Стало тревожно, и стал я об этом думать и вспоминать, самого себя выспрашивать. Что им надо? Зачем были? Неужели какие-нибудь игры по гражданской обороне? Неохота. А может, что еще?.. Никто у нас не беспокоился: ну была комиссия, уехала, и быльем поросло. А меня этот сон вышиб из колеи, породил какой-то дикий порыв к действию. А тут еще, как назло, проезжаю мимо кинотеатров, афиш — лезут в окна автобусов (взял бы да отвернулся — так нет), и фильмы замечаю только те, что тревогу будят, призывают к действию: «За мной, канальи!», «Бей первым, Фреди!», «Не промахнись, Ассунта!..»

Пойти, что ль, ко Льву или прямо к главному: что-нибудь им должны были сказать все же? К ним приди! Пошлют подальше, и вся недолга. Я как-то сказал Левке, что, когда приезжает начальство, он с ними говорит неестественно, не обычным своим голосом, с чужой улыбкой. А он мне сказал, что у меня у самого заведомо неестественный настрой при начальстве, потому я и вижу все в искаженном свете, через призму собственных настроений. Да и действительно, неужто он с приезжим начальством должен говорить как со мной, иль с Фомичом, или со Светом?

К Фомичу тоже как-то пришел с советом, уж не помню, по какому поводу, брякнул чертовню какую-то, а он повернулся ко мне вместе со стулом, сложил ручки на животе и пошел сказки плести. Он, как Христос, все норовит притчами говорить. Так приблизительно: «Зашел я на днях, Федя, в химчистку. Сдаю. Мне говорят: зачем это в чистку — лучше постирайте. А что они знают про меня? Мне удобнее сдать в чистку, может, а не стиркой заниматься. Может, я один живу. Ладно. Беру как-то в сберкассе деньги, с книжки снимаю. Мне говорят, что им столько неудобно, снимайте, мол, так, чтоб ровный счет был. Ну, везде советы дают, везде знают, как мне лучше жить!» Уж и не помню, что ему на это сказал. Может, и ничего. Наверное, ничего. Чего я к нему попрусь со снами? К Свету надо пойти; он и разузнает, и расскажет — и все по делу.

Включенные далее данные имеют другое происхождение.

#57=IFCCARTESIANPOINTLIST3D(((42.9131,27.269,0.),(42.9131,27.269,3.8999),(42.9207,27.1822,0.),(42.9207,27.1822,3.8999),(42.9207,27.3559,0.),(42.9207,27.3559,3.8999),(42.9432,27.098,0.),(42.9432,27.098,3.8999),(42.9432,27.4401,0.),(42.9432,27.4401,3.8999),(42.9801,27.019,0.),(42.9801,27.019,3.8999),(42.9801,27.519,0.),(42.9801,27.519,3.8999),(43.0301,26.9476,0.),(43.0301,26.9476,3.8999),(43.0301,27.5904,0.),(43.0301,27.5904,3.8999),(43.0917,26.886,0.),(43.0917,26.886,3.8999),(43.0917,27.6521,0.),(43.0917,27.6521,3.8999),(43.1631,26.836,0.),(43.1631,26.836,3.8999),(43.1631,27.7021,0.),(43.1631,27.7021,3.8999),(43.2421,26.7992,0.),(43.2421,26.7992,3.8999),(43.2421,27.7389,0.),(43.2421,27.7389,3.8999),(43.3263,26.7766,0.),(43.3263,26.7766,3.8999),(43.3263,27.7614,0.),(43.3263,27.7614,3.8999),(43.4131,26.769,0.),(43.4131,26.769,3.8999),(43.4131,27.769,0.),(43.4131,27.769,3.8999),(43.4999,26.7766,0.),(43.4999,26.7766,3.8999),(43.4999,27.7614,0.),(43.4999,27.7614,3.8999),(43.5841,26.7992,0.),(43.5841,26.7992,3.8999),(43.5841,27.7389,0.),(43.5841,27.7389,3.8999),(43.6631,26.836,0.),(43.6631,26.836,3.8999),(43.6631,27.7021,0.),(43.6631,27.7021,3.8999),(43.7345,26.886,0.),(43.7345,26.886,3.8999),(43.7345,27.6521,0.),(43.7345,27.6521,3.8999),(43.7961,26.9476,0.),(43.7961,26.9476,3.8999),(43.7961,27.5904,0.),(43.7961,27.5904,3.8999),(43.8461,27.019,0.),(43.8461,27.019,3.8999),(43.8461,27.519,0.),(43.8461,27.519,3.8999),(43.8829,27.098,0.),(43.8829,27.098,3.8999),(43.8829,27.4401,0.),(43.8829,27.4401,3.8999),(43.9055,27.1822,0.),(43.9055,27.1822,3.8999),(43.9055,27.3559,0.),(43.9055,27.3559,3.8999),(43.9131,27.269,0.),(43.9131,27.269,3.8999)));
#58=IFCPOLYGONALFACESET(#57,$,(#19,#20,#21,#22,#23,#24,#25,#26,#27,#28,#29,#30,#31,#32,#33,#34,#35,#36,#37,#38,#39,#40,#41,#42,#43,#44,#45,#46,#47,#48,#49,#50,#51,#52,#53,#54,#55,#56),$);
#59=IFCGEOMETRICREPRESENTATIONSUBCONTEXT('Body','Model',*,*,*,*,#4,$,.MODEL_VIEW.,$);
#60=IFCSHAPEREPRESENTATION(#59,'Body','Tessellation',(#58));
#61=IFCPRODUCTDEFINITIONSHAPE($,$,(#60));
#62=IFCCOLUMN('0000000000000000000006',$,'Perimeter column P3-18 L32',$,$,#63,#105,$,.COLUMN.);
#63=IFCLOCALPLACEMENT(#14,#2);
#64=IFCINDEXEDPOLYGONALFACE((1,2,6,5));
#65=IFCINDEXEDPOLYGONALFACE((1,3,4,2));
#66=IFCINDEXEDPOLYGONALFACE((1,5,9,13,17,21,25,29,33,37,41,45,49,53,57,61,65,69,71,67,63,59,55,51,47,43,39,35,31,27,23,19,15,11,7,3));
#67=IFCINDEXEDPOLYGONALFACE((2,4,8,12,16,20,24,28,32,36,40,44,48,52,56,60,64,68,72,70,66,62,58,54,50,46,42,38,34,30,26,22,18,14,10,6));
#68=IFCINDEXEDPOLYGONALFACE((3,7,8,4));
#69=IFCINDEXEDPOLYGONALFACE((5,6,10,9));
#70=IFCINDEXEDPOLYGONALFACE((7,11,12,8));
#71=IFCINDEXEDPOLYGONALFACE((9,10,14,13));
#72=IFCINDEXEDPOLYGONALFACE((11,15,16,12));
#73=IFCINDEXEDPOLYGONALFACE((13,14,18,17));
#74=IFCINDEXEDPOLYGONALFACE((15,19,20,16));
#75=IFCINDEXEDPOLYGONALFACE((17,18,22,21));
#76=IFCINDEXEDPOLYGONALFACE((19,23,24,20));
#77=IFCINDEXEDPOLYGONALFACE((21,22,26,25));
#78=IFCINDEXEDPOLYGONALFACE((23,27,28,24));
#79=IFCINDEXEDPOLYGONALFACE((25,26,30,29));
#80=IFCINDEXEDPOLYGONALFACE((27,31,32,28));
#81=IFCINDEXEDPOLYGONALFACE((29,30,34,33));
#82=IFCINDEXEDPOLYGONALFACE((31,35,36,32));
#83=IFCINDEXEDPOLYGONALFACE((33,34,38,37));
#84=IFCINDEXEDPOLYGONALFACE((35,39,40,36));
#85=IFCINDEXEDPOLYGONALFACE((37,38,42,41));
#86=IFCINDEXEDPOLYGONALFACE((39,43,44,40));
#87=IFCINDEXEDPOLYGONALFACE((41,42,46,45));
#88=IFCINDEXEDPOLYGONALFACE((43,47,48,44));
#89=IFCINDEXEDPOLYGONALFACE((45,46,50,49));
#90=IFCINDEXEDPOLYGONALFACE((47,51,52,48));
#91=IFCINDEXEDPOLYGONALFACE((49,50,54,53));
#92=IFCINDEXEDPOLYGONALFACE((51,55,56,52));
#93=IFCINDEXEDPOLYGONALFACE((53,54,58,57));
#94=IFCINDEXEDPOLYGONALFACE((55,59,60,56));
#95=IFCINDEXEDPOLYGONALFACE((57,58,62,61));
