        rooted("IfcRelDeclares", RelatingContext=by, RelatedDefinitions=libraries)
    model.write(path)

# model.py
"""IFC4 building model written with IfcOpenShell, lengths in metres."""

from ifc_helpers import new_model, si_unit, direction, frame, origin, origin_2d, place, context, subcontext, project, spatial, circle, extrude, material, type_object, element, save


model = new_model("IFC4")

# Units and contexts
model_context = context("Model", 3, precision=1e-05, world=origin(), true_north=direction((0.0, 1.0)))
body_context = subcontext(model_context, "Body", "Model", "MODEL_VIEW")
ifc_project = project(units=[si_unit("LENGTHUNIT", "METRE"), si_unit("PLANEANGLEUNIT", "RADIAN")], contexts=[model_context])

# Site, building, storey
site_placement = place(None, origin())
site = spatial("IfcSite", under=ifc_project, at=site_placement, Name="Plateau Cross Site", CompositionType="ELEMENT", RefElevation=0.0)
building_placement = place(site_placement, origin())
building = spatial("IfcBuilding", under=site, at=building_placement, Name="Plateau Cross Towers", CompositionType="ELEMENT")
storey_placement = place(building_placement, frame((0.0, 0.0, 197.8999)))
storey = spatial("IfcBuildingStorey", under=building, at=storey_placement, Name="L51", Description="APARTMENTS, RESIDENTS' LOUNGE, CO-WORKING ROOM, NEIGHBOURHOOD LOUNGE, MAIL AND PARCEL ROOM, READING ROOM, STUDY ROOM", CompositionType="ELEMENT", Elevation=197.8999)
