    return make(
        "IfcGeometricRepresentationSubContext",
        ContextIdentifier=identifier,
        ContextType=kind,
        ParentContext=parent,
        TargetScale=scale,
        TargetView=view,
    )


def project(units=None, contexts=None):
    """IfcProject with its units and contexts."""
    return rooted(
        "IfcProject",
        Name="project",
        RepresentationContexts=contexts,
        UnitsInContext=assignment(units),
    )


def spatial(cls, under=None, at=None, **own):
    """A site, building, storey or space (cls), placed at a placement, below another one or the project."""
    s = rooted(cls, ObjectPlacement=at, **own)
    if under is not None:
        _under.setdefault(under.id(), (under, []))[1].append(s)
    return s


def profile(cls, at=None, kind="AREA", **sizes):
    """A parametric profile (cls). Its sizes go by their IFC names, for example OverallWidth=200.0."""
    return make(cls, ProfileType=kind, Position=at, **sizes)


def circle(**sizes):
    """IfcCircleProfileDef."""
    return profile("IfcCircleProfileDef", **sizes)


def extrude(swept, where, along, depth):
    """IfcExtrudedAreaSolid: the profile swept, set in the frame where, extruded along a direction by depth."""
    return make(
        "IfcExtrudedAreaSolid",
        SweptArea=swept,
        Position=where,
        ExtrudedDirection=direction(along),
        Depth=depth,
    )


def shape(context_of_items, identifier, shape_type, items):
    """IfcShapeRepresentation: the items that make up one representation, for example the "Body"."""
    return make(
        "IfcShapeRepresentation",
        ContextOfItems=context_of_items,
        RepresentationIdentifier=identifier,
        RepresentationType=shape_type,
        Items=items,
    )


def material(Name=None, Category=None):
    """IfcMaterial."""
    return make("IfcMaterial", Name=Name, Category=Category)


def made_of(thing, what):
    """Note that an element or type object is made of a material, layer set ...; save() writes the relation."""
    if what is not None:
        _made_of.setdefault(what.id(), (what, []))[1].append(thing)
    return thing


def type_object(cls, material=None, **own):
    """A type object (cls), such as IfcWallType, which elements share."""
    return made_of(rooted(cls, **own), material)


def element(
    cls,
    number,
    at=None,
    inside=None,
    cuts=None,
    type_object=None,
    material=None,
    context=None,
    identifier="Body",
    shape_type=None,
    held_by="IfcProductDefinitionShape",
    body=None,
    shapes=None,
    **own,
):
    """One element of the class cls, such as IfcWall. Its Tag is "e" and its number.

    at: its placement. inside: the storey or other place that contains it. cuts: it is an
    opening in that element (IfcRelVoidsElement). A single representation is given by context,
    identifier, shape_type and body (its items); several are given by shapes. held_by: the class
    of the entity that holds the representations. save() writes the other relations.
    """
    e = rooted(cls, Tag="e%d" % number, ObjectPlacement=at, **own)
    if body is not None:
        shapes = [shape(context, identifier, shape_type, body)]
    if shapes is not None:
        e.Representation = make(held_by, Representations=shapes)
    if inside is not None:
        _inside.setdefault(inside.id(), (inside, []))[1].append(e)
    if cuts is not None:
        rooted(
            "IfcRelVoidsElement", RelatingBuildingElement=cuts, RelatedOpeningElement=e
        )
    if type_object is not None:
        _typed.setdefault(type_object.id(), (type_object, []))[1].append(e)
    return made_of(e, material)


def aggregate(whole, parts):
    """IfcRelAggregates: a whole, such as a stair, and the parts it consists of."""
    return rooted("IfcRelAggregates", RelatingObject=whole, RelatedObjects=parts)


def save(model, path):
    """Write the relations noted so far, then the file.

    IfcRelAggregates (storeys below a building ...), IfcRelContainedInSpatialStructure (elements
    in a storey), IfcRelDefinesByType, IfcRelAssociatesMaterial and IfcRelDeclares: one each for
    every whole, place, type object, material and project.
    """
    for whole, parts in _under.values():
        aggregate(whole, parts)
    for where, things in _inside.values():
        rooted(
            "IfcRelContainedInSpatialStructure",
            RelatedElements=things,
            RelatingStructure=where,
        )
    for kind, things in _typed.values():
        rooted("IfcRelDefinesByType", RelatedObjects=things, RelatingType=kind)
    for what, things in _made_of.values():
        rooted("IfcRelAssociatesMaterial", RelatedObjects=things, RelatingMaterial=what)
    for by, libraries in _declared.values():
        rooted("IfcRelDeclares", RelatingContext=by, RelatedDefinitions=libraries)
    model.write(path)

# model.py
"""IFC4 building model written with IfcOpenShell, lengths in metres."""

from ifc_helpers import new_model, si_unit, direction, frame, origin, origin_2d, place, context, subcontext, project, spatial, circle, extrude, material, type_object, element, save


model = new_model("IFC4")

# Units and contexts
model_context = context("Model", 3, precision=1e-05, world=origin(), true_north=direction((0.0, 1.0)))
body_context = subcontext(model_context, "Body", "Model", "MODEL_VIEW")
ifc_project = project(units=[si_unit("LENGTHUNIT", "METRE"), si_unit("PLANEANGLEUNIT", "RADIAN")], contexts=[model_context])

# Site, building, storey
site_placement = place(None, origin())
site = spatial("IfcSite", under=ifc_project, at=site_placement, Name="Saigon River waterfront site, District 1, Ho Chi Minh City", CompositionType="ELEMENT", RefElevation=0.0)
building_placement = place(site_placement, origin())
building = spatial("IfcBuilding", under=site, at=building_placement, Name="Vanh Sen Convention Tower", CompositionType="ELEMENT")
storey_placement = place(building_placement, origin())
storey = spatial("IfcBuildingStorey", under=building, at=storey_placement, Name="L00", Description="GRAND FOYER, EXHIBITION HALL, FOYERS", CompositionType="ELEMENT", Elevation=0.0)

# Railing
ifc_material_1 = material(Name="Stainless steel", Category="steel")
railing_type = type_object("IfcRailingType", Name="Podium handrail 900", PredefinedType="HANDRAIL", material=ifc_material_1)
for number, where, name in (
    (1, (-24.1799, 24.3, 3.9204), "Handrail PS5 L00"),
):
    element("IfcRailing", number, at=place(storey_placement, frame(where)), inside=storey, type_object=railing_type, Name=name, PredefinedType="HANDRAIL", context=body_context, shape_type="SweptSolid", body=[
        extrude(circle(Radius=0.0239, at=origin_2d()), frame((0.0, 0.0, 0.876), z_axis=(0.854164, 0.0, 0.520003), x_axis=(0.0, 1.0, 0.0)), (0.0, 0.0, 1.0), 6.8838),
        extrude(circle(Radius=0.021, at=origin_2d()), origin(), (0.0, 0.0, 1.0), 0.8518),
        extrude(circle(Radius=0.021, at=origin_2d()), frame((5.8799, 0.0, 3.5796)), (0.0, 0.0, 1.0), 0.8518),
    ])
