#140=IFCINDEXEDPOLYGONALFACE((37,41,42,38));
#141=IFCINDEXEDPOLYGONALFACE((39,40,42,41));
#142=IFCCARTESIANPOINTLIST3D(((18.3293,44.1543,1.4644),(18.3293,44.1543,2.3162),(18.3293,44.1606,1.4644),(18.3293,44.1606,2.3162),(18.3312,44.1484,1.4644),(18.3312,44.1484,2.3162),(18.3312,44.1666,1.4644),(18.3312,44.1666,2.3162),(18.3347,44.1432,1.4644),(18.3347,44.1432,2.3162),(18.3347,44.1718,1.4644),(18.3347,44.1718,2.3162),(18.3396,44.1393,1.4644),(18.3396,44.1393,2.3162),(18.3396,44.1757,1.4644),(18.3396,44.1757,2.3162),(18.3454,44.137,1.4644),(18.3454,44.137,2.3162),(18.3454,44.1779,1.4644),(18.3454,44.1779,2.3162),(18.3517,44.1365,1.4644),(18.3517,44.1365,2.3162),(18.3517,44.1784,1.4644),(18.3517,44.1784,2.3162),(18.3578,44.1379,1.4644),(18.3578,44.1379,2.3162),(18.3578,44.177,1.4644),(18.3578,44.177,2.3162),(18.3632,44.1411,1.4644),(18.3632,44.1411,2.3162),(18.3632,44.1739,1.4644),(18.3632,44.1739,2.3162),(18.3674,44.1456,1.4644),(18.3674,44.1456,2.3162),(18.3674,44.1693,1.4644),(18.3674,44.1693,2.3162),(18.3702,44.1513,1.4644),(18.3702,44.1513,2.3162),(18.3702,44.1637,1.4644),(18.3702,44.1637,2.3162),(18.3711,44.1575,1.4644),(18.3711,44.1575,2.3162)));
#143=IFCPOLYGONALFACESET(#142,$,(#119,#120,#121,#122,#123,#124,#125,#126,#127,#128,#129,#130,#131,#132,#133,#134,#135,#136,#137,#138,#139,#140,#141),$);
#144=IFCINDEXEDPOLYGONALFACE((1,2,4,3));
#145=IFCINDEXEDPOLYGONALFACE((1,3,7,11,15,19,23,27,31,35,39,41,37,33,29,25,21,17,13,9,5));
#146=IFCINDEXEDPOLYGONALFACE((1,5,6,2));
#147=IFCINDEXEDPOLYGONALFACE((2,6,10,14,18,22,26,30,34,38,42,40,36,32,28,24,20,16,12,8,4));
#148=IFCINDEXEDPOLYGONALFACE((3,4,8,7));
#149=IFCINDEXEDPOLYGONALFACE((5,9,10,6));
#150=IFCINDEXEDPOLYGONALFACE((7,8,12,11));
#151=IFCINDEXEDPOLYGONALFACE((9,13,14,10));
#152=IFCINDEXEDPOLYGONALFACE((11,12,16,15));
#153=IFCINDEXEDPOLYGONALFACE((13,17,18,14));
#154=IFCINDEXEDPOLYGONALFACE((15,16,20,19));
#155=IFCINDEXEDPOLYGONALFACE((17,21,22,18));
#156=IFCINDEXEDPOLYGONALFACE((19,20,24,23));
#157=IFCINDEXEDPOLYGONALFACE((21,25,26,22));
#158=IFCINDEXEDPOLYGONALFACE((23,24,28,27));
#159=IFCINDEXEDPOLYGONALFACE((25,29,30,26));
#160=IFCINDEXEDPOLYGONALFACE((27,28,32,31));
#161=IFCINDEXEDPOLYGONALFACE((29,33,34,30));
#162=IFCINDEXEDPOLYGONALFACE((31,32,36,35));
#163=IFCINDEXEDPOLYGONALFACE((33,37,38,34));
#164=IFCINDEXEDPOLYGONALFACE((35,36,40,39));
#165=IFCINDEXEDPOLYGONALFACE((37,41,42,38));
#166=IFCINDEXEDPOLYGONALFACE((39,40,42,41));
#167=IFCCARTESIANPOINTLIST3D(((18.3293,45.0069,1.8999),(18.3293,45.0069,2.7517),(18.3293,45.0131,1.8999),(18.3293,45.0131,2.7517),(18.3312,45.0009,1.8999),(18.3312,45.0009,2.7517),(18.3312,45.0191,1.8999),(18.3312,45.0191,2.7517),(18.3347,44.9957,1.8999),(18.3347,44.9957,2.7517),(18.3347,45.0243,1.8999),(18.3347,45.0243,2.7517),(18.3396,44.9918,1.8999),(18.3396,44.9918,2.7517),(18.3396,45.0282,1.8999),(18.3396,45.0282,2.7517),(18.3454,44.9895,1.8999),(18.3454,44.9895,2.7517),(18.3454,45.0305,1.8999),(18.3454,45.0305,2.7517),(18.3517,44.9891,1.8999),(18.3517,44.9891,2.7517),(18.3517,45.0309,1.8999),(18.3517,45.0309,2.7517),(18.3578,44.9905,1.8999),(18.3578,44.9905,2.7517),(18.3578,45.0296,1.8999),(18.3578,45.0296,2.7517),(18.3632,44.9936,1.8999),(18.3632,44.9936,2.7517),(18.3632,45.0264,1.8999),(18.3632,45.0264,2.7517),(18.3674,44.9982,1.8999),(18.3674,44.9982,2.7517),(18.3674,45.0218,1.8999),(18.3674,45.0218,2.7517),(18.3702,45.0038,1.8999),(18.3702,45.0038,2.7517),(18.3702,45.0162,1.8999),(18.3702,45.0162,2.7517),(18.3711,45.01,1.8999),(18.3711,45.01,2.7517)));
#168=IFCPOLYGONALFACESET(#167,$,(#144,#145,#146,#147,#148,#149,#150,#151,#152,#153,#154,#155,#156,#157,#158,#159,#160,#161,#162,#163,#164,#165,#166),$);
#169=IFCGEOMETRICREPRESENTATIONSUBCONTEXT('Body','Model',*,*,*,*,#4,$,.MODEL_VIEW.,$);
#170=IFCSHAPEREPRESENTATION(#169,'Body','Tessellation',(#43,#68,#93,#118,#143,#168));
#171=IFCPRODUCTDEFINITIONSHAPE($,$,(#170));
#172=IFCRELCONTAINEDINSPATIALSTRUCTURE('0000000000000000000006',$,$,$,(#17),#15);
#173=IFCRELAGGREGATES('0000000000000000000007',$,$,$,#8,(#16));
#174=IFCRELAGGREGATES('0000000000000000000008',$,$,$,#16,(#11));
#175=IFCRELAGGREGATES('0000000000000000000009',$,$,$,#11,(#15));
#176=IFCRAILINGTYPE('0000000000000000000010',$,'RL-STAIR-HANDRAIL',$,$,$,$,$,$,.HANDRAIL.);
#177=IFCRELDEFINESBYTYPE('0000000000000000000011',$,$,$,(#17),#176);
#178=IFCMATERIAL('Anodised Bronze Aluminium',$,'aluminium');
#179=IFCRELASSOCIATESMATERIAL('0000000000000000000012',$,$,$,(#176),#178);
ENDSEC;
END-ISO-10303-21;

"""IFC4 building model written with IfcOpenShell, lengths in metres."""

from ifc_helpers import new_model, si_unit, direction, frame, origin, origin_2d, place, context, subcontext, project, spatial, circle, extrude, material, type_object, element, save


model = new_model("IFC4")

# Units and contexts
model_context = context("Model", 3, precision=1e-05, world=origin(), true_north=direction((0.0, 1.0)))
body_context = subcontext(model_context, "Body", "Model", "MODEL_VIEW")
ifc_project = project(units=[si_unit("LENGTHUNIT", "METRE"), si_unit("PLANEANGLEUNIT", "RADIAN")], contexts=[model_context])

А тревога вовсе к чему-нибудь другому имеет отношение… Да вот! Все тревожнее в больнице стало после его ухода: ушел дед. Всем дал прикурить, да прямо у меня на глазах. Бедняга дед. Или это мы, пожалуй, бедняги.

Я зашел к нему… Так просто зашел. А может, и по делу, кто его знает, не помню. Только что больной от него ушел. Сидит за столом, ухмыляется. Хороший дед. «Лучезарный» дед — кто-то его назвал, Алексей Алексеевич, кажется. Сажусь напротив, а он вынимает из кармана нитроглицерин и закладывает в рот. «Что, прихватило?» — «Бывает, — отвечает и тут же бледнеет и откидывается на спинку стула. — Ничего, ничего, сейчас пройдет». А сам совсем осел на стуле и снова за нитроглицерин. «Прилягте на диван, Яков Григорьевич. Я помогу». — «Сейчас, сейчас. Сейчас пройдет. Не беспокойся». Это он мне говорит, чтоб я не беспокоился!

Я его под руки и на диван. Он — свое: «Ничего, ничего. Не волнуйтесь, сейчас пройдет». Или это он себя успокаивал? Смотрю, зрачки поплыли, расширились. Я за пульс — нет. Уходит.

Крикнул в дверь, чтоб реаниматоров звали, а сам начал массаж делать. Хорошо, что он на деревянном диванчике лежал, а то бы на пол пришлось стаскивать. Когда реаниматоры набежали, успел запустить сердце. Быстро, с нескольких ударов заработало, пульс на периферии сразу, зрачки сузились, сознание появилось — он опять мне. Или не мне? Как пластинка. Автомат.

«Ничего, ничего. Сейчас пройдет».

И тут же опять зрачки поплыли. Тут уж реаниматоры сделали все: и массаж, и искусственное дыхание по всем правилам, и капельница, и электроудары, и внутрисердечные уколы. Конечно, уж не мой дилетантизм чертов. Массаж на совесть — ребро сломали. Понятно, у такого старика иначе и не запустишь сердце, а им и во второй раз удалось запустить. Перетащили мы его прямо на диванчике в реанимационную. Да все равно. Годы сказались, конечно. Уже за восемьдесят. К вечеру ушел. А не зайди я к нему, после б зашли — а он мертвый. Может, и лучше. Не мучили бы его. Не чувствовал он, наверное, ничего. А то грех на мне великий. Так и запомню на всю жизнь: «Ничего, ничего. Не беспокойтесь. Сейчас пройдет».

Не прошло. Вернее, все прошло. Все проходит.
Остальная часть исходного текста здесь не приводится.